Returns:Dictionary with languages as keys and files mapped to paths as values.
lookout.core.lib.filter_files_by_path(filepaths:Iterable[str], exclude_pattern:Optional[str]=None)

Filter out files by specific patterns in their path.

Parameters:
  • filepaths – Iterable of file paths to examine.
  • exclude_pattern – Regular expression to search in file paths. The matched files are excluded from the result. If it is None, we use the “garbage” pattern defined in lookout.core.langs. If it is an empty string, filtering is disabled.
Returns:

List of paths, filtered.

lookout.core.lib.filter_files_by_line_length(filepaths:Iterable[str], content_getter:callable, line_length_limit:int)

Filter out files that have lines longer than line_length_limit.

Parameters:
  • filepaths – Paths to the files to filter.
  • content_getter – Function which returns the file byte content by it’s path.
  • line_length_limit – Maximum line length to accept a file.
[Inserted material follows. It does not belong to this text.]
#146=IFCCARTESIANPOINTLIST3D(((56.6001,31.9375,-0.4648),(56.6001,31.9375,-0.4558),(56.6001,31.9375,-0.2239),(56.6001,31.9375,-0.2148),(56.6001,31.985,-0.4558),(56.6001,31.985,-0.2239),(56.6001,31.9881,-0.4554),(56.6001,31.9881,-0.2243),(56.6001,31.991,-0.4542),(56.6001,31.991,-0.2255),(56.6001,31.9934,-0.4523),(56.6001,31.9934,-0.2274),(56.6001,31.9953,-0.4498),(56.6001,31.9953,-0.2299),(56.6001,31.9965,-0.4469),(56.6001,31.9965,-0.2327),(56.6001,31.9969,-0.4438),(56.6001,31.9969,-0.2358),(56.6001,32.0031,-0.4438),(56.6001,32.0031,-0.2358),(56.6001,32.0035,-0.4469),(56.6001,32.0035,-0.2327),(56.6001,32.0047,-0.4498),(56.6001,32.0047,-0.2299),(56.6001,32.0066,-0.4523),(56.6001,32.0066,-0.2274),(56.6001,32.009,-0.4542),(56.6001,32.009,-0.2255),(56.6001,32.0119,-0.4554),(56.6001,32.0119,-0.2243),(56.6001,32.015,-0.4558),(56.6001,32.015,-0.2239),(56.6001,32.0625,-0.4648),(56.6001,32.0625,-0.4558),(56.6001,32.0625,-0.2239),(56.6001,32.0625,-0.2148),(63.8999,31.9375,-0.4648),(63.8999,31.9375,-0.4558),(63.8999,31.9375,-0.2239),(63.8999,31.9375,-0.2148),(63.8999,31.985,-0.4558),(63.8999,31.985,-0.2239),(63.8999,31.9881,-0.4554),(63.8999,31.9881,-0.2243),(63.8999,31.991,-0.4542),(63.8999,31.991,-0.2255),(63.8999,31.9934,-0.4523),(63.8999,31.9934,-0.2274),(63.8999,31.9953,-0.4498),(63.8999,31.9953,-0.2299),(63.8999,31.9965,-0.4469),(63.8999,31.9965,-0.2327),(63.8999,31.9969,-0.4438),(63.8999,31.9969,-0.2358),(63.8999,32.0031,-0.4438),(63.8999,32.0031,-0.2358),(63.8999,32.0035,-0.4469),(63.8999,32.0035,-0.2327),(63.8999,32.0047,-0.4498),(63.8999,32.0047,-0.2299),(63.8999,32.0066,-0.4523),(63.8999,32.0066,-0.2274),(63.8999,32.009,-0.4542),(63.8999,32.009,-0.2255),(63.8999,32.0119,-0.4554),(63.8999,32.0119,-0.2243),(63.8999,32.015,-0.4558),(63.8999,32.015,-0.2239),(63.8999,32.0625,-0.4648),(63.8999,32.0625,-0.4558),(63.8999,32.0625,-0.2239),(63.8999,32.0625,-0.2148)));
We measure the length in bytes, not in Unicode characters.
Returns:

Files passed through the maximum line length filter.

lookout.core.lib.filter_files_by_overall_size(filepaths:Iterable[str], content_getter:callable, overall_size_limit:int, random_state:int=7)

Filter out files once the overall passed size is greater than the specified limit.

The files are randomly shuffled before filtering.

Parameters:
  • filepaths – Paths to the files to filter.
  • content_getter – Function which returns the file byte content by it’s path.
  • overall_size_limit – Maximum cumulative file size in bytes. The files are discarded after reaching this limit.
  • random_state – Random generator state for shuffling the files.
Returns:

Files passed through the overall size filter.

lookout.core.lib.parse_files(filepaths:Sequence[str], line_length_limit:int, overall_size_limit:int, client:BblfshClient, language:str, random_state:int=7, progress_tracker:Callable=lambda x: x, log:Optional[logging.Logger]=None)

Parse files with Babelfish.

If a file has lines longer than line_length_limit, it is skipped. If the summed size of parsed files exceeds overall_size_limit the rest of the files is skipped. Files paths are filtered with filter_files_by_path(). The order in which the files are parsed is random - and hence different from filepaths.

Parameters:
  • filepaths – File paths to filter.
  • line_length_limit – Maximum line length to accept a file.
  • overall_size_limit – Maximum cumulative files size in bytes. The files are discarded after reaching this limit.
  • client – Babelfish client instance. The Babelfish server should be running.
  • language – Language to consider. Will discard the other languages.
  • random_state – Random generator state for shuffling the files.
  • progress_tracker – Optional progress metric whenn iterating over the input files.
  • log – Logger to use to report the number of excluded files.
Returns:

File-s with parsed UASTs and which passed through the filters.

lookout.core.lib.filter_files(files:Dict[str, File], line_length_limit:int, overall_size_limit:int, random_state:int=7, log:Optional[logging.Logger]=None)

Filter files based on their maximum line length and overall size.

Parameters:
  • files – files_by_path[key]les to filter.
  • line_length_limit – maximum line length to accept a file.
  • overall_size_limit – maximum cumulative files size in bytes. The files are discarded after reaching this limit.
  • random_state – random generator state for shuffling the files.
  • log – logger to use to report the number of excluded files.
Returns:

files passed through the filter and the number of files which were excluded.